Introducing mental health adaptations of the western society can help change the society in India as the society there is influenced by the west in so many other ways. This shouldn’t be difficult for the urban life there. Connecting socio-research groups and mental health associations could bring about a revolutionised change in adolescents and youth. Issues related to stress, anxiety and other disorders can be helped at a school-college level with their wellness departments specially addressing such issues, like how it is in America.
For rural areas, there can be different approaches. Lack of education makes their approach to such ideas very difficult, and we can’t change this overnight. But we can always form an association of community health service, trained by psychotherapists and connect them to psychiatrists who could prescribe medication if needed.
Acute problems like schizophrenia need extreme care and observation. A weekly visit to community centers could keep a check of such problems. While I researched about community health in rural India, I learnt that while I’m still thinking, someone is already doing it. My salute to people who take that plunge and make the change. One such non-profit organization is ‘The Mind foundation’. Their purpose is to provide high quality, cost-effective mental health care to every corner of rural India.4 They work on community education along with counseling and treatment via community mental healthcare workers. This just proves that people do have similar intentions for the society, but few really go ahead and do what they intended. I hope I have the strength to be one of them.
Just like how the west has embraced yoga and other forms of spiritual healing techniques originated from India, the western researched science and its medical techniques can facilitate this change to the society in India. Sometimes one doesn’t value what we have. It’s an irony that Yoga is embraced now by the youth in India as a fitness regime after the west adapted it. Till then, it was just an age-old technique adapted only by few.

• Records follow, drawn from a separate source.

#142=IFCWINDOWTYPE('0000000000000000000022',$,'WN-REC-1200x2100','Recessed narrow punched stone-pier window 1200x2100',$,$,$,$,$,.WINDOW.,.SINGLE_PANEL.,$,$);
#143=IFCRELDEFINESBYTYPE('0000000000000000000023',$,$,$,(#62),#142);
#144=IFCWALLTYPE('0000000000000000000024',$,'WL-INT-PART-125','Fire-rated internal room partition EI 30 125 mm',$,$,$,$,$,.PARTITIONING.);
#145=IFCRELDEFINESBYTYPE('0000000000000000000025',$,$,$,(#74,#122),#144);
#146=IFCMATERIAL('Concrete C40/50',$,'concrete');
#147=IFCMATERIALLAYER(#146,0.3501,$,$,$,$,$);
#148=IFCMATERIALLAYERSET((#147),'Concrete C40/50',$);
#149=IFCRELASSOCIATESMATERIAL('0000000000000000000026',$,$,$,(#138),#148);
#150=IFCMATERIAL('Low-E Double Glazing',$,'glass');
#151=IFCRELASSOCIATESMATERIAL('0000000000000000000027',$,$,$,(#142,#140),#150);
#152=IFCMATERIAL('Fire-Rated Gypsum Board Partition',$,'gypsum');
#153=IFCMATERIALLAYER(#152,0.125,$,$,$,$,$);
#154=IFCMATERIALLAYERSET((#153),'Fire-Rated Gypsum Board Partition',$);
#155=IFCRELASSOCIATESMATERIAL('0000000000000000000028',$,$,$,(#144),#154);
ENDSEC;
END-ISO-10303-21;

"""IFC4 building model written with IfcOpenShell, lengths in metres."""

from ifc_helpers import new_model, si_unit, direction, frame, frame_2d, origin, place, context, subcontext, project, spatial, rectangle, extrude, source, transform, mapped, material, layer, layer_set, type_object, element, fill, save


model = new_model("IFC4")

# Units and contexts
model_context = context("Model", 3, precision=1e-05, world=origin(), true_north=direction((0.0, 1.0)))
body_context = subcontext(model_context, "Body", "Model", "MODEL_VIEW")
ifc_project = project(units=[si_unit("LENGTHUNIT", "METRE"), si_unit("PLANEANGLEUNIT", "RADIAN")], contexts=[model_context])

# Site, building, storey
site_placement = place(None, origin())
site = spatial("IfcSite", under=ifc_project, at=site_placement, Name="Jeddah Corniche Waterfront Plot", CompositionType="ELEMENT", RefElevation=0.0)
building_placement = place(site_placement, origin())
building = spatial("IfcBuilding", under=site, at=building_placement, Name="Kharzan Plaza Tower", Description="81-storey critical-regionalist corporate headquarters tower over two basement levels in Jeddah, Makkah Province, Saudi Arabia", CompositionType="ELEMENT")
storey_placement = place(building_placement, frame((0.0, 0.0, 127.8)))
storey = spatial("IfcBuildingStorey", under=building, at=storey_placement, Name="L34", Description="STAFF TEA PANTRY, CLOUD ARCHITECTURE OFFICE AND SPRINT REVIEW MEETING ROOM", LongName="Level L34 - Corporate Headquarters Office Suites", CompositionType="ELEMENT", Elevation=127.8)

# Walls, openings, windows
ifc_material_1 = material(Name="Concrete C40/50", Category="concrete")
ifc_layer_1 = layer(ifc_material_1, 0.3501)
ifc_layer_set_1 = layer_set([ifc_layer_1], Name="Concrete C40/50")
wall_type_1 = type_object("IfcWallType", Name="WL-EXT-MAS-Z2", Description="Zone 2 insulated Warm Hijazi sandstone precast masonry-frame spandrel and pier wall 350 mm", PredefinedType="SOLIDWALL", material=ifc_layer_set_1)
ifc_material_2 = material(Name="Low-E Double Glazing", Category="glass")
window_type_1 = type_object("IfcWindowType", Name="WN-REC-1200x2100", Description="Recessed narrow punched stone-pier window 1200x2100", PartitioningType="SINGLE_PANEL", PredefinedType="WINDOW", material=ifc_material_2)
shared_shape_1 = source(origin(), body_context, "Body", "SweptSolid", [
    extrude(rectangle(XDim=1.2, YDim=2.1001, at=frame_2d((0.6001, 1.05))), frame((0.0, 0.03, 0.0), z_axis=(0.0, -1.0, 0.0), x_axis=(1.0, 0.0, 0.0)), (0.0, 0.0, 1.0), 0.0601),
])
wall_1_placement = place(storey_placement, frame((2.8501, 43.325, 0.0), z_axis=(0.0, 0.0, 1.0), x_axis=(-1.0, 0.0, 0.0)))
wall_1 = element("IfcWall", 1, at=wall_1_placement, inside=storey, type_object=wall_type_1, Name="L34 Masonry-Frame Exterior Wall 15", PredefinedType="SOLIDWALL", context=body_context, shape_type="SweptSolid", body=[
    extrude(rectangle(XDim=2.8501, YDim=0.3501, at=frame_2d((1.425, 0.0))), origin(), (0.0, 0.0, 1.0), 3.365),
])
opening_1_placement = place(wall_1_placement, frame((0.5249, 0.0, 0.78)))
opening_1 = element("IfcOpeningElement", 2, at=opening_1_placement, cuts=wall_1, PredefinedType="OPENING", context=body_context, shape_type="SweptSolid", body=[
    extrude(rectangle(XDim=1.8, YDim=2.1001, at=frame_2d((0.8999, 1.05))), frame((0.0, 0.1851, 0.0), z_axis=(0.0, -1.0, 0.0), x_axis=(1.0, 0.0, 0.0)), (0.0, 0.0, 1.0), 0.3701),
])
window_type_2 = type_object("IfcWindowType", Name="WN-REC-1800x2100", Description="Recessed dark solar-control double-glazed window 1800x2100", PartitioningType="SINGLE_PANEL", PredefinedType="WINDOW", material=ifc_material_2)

A therapy with a combination of such relaxation techniques along with medications that deal with chemical imbalance and psychotherapy, for the cognitive approach would be an ideal holistic approach for a general well being. I intend to raise funds in the United States for retreats or rehabilitation center which has no mental stigma attached to it (like some crazy prison where someone is chained and sedated), which facilitates a combination of psychiatric and psychotherapy along with age old spiritual and relaxation techniques like yoga and Ayurvedic massages.

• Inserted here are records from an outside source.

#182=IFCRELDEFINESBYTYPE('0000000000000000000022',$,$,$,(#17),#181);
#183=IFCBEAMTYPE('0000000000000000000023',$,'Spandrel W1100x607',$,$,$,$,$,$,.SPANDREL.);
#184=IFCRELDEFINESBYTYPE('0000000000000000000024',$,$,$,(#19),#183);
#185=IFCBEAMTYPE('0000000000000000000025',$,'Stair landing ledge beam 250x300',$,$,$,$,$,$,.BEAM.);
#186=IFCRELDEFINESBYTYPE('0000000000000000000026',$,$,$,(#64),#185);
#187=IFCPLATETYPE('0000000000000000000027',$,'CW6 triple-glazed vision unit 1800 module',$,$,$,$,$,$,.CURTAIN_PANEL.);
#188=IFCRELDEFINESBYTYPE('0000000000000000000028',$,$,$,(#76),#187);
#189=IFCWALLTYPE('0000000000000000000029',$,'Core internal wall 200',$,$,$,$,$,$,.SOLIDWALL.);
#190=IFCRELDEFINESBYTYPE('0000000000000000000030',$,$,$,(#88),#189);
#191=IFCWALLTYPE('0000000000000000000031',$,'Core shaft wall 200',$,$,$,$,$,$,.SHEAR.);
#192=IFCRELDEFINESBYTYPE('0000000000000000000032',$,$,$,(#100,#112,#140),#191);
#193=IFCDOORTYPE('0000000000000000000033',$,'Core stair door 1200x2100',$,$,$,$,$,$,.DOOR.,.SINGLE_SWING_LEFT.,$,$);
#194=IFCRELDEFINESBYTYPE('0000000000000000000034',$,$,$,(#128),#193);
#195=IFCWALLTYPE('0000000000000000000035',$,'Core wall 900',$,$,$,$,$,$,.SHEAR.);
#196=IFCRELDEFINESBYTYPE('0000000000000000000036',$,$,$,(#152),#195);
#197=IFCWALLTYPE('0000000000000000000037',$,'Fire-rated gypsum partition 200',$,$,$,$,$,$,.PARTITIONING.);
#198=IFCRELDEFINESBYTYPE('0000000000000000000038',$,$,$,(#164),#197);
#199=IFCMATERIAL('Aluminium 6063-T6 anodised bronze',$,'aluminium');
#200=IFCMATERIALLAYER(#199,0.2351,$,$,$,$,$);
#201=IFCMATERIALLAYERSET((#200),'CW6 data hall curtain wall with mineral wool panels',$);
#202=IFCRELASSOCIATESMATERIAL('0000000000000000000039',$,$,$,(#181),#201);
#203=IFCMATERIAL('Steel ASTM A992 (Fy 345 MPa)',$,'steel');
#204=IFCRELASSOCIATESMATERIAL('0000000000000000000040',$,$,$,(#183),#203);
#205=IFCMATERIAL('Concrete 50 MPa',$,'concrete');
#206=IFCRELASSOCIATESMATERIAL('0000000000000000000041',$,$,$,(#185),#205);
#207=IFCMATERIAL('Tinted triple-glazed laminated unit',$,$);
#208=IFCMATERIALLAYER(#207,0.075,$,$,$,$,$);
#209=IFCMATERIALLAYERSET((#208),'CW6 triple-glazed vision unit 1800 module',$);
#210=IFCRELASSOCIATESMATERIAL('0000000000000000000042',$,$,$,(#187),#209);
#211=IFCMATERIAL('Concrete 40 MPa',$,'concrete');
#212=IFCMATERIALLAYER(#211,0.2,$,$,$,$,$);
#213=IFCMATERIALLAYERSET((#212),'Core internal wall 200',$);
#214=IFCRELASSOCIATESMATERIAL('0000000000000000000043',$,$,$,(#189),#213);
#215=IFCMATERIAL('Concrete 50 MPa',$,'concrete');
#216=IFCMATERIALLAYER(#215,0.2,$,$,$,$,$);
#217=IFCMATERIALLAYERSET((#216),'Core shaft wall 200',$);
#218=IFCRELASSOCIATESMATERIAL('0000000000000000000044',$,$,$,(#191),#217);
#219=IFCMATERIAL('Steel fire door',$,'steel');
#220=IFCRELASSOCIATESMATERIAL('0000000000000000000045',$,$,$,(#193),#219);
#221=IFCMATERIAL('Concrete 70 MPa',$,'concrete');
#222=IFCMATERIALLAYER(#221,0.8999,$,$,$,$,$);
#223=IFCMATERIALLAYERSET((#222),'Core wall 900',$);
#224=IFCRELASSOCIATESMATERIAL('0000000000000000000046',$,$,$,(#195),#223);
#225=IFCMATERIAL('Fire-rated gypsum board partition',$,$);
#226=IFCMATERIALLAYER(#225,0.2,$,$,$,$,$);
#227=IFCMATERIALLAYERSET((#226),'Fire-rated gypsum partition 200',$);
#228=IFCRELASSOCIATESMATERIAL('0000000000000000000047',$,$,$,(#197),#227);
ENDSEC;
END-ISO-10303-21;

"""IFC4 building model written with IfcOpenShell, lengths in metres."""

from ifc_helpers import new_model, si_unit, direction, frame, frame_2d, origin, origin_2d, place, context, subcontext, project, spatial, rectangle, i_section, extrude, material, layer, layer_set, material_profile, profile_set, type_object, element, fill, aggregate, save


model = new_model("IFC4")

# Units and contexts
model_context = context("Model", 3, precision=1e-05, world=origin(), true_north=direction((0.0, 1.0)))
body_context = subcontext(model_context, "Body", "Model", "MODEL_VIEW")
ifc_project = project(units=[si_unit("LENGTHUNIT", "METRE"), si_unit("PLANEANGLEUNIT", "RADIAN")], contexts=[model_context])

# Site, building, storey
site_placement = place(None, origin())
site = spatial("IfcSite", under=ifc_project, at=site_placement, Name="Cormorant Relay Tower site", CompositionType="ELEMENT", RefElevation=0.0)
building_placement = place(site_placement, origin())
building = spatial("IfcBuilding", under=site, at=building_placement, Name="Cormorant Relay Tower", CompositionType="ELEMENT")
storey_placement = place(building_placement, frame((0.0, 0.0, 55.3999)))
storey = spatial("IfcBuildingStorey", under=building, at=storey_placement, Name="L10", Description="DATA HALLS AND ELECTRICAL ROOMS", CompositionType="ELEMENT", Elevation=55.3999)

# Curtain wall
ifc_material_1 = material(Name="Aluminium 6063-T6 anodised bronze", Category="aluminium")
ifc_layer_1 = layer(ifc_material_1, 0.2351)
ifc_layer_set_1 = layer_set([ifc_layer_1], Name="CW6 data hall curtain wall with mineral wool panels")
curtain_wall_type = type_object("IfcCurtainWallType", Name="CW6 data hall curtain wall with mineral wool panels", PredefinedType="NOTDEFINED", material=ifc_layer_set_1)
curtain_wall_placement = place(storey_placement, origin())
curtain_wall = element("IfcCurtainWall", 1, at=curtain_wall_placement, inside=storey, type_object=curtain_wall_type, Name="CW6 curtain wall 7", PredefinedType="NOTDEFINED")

As a global community, it is time we help dispel myths about the prejudices related to this form of medical help and misperceptions about mental illness, and harness the healing power of holistic wellness. I believe there is a reason for everything, and may be my reason for what I went through is to empathize the pain of some others with similar under-recognized issues and help make a difference.
*The author is a designer, and had written this piece as part of her classroom exercise in Parsons School of Design in NY.